If your application checklist disappears from the portal, don’t worry—this is normal for deferred applicants. The checklist will reappear two weeks after the RA deadline.

a student thinking while looking out at the window.

What to do if you are deferred

As mentioned earlier, if you are deferred, you need to update your application through the February Updates & Notes Form. Include your midyear grades, which are crucial as they show your most recent academic performance. Use the FUN Form to report any significant new achievements, awards, or activities, or if there have been any major changes in your personal circumstances.

If you have new test scores, you can self-report them via the Application Status Page. If you planned to submit a supplemental portfolio for EA but ran out of time, you can still do so for RA by the January 4 deadline. However, you can’t make changes to already submitted portfolios.

Important reminder: Don’t submit new materials like additional essays or letters of recommendation unless specifically requested by MIT.

If you decide you no longer want to be considered for RA admission, you can withdraw your application through the Applicant Status Page. This process typically takes 5-10 business days.

While waiting, keep up your strong academics and engage in activities you enjoy. Remember to take care of your mental health—spend time with family and friends, pursue hobbies, and stay positive about the process.

Conclusion

Updating MIT after submitting your application is straightforward if you follow these guidelines.
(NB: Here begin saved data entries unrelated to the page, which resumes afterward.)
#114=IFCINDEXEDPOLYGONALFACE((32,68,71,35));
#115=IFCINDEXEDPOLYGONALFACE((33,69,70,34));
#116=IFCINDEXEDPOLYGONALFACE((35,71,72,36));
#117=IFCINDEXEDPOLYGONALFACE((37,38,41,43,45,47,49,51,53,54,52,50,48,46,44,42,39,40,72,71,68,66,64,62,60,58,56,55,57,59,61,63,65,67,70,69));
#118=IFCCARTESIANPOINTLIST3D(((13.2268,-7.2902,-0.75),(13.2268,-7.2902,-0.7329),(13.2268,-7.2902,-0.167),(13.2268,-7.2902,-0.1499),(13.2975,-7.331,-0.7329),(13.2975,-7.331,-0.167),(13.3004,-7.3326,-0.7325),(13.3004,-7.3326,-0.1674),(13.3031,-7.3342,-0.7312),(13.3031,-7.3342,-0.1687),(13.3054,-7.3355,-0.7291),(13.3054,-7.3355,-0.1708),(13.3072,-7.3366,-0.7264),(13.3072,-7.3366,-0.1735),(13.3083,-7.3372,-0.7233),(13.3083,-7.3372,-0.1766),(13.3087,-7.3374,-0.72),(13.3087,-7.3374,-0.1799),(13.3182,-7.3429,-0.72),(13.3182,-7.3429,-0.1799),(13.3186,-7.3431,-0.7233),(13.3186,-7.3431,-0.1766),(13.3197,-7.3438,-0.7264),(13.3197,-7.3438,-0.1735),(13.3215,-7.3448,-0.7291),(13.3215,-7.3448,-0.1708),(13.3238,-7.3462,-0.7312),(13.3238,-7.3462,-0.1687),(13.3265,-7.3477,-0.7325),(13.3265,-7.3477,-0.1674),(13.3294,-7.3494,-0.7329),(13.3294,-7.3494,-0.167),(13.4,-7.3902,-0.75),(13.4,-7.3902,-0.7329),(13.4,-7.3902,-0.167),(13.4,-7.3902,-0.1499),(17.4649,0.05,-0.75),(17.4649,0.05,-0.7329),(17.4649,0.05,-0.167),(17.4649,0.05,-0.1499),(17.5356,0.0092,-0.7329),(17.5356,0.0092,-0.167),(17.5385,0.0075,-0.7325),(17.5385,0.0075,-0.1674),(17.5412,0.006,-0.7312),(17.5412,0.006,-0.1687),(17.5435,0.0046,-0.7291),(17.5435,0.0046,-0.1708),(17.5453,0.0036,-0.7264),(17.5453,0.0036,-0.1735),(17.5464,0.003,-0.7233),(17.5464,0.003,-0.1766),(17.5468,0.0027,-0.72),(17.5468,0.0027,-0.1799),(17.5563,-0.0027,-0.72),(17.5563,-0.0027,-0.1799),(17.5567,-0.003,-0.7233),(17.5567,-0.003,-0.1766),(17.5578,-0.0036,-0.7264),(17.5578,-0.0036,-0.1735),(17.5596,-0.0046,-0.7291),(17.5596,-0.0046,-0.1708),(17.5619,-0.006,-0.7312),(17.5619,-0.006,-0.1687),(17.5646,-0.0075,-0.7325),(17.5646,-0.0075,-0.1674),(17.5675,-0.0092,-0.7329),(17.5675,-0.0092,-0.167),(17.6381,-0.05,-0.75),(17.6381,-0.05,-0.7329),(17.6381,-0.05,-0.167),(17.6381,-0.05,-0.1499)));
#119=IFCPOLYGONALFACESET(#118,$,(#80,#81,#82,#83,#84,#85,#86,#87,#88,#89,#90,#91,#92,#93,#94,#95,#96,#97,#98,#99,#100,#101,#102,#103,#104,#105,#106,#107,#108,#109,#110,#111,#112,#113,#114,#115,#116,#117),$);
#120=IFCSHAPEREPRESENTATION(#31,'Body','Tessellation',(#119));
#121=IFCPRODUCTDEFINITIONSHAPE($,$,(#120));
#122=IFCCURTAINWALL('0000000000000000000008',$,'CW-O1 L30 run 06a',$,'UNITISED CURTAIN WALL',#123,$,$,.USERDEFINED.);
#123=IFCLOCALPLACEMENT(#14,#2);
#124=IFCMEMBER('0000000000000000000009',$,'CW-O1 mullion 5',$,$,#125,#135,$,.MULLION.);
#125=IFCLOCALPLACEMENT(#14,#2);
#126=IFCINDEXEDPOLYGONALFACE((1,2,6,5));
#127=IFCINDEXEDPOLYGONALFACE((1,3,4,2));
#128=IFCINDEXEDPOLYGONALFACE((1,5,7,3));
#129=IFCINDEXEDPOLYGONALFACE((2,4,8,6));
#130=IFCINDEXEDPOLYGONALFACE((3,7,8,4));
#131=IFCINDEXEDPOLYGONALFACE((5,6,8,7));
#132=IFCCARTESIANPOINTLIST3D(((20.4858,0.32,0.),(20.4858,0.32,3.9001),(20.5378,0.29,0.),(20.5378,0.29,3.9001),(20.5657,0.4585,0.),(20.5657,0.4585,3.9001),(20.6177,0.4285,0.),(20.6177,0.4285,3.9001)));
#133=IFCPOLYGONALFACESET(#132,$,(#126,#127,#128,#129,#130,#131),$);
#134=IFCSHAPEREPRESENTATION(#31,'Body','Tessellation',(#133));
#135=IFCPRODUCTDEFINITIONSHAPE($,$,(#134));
The February Updates & Notes Form is your main tool for this task. Make sure to complete it accurately and on time to ensure your application reflects your most current achievements. Keeping MIT informed of any new developments will help strengthen your application and improve your chances of admission to MIT.

FAQs

Does MIT accept updates after I submit my application?

Yes, MIT accepts updates after you submit your application. The primary method for providing updates is the February Updates & Notes (FUN) Form.

What can I update after submitting my MIT application?

You can update your midyear grades, significant new achievements, awards, activities, and any changes in your personal circumstances. Use the FUN Form to report these updates. Unless specifically requested by MIT, you cannot submit additional essays, letters of recommendation, or other materials.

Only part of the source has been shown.